As organizations responded to their communities, NeighborWorks mobilized to provide multiple means of support to the network. Leading the way for other funders, NeighborWorks immediately provided unrestricted funding to help network organizations navigate the months immediately following initial closures. This funding helped the network transition to use technology in new ways, including embracing web conferencing applications and helping staff members create home offices for remote work. Funding was also used by the network to train staff and residents on remote accessibility, along with establishing Employee Assistance Programs to help with the emotional toll of the pandemic. Network organizations also used unrestricted funding from NeighborWorks to reduce unexpected costs of continuous cleaning procedures, procurement of personal protective equipment and extended medical leave.

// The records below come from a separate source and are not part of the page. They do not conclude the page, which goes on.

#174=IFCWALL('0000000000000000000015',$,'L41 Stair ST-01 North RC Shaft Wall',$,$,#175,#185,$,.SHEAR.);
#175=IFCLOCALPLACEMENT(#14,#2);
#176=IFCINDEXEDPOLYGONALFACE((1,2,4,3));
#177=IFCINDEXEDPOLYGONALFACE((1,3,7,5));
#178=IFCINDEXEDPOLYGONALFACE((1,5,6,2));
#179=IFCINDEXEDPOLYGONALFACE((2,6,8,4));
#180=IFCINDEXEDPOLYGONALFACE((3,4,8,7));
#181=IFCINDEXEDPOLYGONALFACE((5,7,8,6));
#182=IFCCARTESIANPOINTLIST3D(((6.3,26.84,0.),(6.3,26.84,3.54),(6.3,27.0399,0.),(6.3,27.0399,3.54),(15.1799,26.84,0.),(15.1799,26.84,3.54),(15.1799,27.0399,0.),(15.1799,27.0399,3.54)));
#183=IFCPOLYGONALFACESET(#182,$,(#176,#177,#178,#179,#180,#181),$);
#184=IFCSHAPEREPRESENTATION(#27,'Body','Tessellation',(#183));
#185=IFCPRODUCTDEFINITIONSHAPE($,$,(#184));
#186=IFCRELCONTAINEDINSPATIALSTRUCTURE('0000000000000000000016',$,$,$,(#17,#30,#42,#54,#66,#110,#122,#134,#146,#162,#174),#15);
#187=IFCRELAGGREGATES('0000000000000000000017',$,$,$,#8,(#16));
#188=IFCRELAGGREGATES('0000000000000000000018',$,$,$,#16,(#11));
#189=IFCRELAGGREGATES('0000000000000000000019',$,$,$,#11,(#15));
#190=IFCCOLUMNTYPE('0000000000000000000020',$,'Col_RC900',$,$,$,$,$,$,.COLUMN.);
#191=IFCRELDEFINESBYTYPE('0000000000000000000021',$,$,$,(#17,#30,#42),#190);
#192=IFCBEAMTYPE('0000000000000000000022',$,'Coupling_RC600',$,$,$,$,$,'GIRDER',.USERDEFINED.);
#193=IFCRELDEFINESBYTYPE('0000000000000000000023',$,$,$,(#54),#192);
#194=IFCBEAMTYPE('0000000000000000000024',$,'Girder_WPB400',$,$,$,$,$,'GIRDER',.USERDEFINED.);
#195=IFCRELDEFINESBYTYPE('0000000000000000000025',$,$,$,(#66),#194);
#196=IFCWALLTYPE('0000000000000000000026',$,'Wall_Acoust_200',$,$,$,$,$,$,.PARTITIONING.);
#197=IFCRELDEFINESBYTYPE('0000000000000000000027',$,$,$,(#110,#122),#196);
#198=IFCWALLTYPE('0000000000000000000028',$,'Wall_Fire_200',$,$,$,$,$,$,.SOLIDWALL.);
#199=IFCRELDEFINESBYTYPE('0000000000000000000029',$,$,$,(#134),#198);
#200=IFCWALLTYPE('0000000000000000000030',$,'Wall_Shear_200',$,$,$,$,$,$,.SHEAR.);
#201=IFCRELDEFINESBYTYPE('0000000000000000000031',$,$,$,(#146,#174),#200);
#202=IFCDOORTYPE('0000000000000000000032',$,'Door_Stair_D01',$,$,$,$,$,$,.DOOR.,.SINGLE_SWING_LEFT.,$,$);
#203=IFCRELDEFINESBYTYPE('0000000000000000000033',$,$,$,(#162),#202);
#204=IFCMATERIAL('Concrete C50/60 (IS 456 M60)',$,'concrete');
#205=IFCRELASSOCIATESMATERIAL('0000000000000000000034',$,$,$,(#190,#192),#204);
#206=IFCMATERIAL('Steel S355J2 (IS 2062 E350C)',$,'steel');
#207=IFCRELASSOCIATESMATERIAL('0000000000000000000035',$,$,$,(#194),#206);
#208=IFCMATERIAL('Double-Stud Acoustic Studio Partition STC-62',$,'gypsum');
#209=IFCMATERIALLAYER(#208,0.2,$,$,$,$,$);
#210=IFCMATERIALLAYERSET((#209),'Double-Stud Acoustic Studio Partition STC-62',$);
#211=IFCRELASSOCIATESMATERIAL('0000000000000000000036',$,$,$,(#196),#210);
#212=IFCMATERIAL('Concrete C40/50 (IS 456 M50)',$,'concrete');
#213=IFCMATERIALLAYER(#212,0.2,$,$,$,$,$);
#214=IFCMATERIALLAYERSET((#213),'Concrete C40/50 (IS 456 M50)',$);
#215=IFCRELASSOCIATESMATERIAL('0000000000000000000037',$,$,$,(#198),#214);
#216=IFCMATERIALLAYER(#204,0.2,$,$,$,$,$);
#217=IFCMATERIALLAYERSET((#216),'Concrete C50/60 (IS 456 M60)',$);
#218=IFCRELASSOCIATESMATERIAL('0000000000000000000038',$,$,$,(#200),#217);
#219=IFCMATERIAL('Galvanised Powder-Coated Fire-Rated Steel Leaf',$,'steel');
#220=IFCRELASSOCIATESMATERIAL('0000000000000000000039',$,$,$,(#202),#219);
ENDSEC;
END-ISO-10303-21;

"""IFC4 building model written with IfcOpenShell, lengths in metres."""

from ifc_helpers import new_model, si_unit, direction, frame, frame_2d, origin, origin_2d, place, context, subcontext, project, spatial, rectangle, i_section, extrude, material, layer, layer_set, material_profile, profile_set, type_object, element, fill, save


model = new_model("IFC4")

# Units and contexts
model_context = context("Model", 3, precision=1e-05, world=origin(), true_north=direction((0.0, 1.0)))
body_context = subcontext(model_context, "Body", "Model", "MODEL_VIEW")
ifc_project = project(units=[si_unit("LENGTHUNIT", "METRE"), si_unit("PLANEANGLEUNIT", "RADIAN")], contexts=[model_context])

Along with redirecting its funding, NeighborWorks provided support to network leaders by hosting peer learning opportunities and connecting organizations to timely capacity and technical assistance support; NeighborWorks held weekly executive director sessions to exchange information and understand how others were managing the pandemic, including internal stressors for staff and ways to mitigate burnout, and deployed a temporary and optional COVID-19 survey to understand the evolving impact of the pandemic on the network and its operations.. NeighborWorks provides individualized and direct support to network organizations through its relationship manager staff members, who are liaisons to the network. Relationship managers submitted timely information to NeighborWorks that was key to informing how it could deploy grants and other resources to the network quickly and meaningfully.

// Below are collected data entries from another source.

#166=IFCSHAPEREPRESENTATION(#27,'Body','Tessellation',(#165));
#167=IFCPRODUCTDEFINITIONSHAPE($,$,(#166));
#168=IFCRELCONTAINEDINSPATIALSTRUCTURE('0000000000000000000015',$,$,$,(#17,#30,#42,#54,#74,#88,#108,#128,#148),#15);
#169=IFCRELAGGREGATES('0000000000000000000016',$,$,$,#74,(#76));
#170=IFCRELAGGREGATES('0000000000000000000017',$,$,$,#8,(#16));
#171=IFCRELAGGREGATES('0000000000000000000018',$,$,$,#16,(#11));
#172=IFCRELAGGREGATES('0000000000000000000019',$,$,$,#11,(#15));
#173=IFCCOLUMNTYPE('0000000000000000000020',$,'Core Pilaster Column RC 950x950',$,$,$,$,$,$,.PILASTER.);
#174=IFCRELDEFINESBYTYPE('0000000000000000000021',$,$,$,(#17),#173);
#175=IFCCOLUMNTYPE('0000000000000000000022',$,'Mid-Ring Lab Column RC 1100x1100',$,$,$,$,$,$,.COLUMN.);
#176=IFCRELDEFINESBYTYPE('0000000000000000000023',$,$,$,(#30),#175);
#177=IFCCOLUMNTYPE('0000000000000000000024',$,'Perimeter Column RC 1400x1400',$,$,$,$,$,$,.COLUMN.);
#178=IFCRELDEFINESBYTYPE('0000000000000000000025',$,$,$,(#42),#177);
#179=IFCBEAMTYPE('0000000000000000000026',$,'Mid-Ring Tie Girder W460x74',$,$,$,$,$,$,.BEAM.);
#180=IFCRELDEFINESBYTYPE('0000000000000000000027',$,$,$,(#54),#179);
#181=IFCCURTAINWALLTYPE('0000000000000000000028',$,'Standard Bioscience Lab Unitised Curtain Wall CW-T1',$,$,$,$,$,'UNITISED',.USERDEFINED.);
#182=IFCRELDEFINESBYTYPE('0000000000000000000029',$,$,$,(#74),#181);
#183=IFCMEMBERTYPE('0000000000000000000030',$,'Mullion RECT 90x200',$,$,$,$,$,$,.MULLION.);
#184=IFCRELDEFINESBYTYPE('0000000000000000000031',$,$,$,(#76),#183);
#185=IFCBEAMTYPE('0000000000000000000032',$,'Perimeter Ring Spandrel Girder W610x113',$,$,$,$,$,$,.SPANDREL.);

As the pandemic continued beyond the first few months, NeighborWorks network organizations noted not only an increase of residents needing supports to meet basic needs, but there was also an increased need for financial education, eviction prevention, rental relief and foreclosure mitigation as low-income households tried to remain stable amid changes in the economic job market. Nine in 10 network organizations conducted outreach or counseling to inform community members about eviction moratoriums and mortgage or rental relief options. Network organizations also experienced the impact of COVID, losing $143.4 million in rental collections from March 2020 to April 2021.
Similarly, as addressing rental relief became a priority issue for communities across the country and the network, NeighborWorks was named in the American Rescue Plan Act of 2021 to administer a $100 million counseling program nationwide. The Housing Stability Counseling Program (HSCP) funds eligible nonprofits and agencies that provide direct counseling services to individuals and families facing eviction, foreclosure, or homelessness. As this program is geared to both network and non-NeighborWorks network organizations, this funding has been providing critical support to communities across the country to address foreclosure and rental counseling needs, particularly in low-income and communities of color.
These significant efforts helped explore NeighborWorks’ learnings from COVID-19 pandemic responses and how NeighborWorks and the network can build thriving, resilient communities.